Is my father back yet?’
‘Yes. The driver informed us they
will arrive in ten minutes and the master wants you downstairs to welcome
them,' As she finished the sentence, Chen Ma looked angry. Knowing her Miss is
up against that woman and her son but the master as well, is young Miss simply
forced to accept this lot in life. But she was only a servant after all; she
could not speak up on the young Miss’ behalf.

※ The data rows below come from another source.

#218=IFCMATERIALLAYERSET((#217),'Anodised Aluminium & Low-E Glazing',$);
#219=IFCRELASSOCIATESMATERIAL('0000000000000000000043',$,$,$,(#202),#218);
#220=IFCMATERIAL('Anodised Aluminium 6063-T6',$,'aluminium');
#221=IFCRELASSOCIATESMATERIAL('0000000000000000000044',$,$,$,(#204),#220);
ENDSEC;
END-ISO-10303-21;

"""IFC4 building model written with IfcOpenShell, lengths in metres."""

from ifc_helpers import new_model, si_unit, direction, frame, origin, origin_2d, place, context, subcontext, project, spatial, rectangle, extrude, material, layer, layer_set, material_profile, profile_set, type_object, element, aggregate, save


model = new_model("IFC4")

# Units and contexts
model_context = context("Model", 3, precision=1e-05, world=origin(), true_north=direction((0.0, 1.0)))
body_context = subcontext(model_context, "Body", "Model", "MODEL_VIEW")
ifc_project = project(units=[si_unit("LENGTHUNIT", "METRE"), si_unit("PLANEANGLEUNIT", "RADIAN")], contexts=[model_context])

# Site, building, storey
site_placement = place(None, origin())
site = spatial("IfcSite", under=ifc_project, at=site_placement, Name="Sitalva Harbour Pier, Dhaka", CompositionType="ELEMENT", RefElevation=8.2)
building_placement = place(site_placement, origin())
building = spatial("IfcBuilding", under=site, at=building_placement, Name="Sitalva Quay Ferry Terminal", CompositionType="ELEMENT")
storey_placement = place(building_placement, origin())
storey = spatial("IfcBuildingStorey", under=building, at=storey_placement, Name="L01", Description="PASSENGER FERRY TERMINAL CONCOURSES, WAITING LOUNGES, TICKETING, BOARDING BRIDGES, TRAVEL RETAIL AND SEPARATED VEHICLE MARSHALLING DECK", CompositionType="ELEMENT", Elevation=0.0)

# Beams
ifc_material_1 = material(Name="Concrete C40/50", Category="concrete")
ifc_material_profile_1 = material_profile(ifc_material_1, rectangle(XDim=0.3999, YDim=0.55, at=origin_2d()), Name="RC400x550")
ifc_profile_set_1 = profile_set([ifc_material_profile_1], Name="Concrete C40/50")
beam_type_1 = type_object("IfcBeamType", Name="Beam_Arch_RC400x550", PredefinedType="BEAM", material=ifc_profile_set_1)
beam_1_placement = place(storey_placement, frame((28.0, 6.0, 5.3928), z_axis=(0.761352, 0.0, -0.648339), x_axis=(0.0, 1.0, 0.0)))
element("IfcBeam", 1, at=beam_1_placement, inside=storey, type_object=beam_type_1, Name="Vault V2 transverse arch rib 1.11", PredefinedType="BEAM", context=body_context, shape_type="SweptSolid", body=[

‘Once I am done washing, I will
come down,’ An Hai tried to look calm, but hidden under the quilt, her hands
clenched.
Once Chen Ma closed the door, she
quickly jumped out of her bed and ran to her full length mirror. She saw her
own self staring back at her. She wore her usual blue silk pyjamas. She had
body that was developing nicely; she had slender graceful limbs, her hair was
the colour of chestnut, it gleamed in the sunlight. She was mixed ethnicity but
her oriental features were more pronounced in her beautiful face, she had
clever eyes and lovely pale white skin. She was fourteen years old and only
mildly proud and rebellious. The bright and clean mirror displayed her visage
sharply, but An-Hai could not quite believe it. Even though her suspicion had
been confirmed, An Hai was still afraid of her reflection.
She knew that this sort of thing
happened in novels and dramas that were popular these days, but she could not
imagine such a farfetched plot could happen to her.
She died in a plane crash, became a
vengeful ghost, and then returned to the past; back to age fourteen to the day
her life changed.
The day, she, the successor of the
Luo empire, became an outsider in her own family.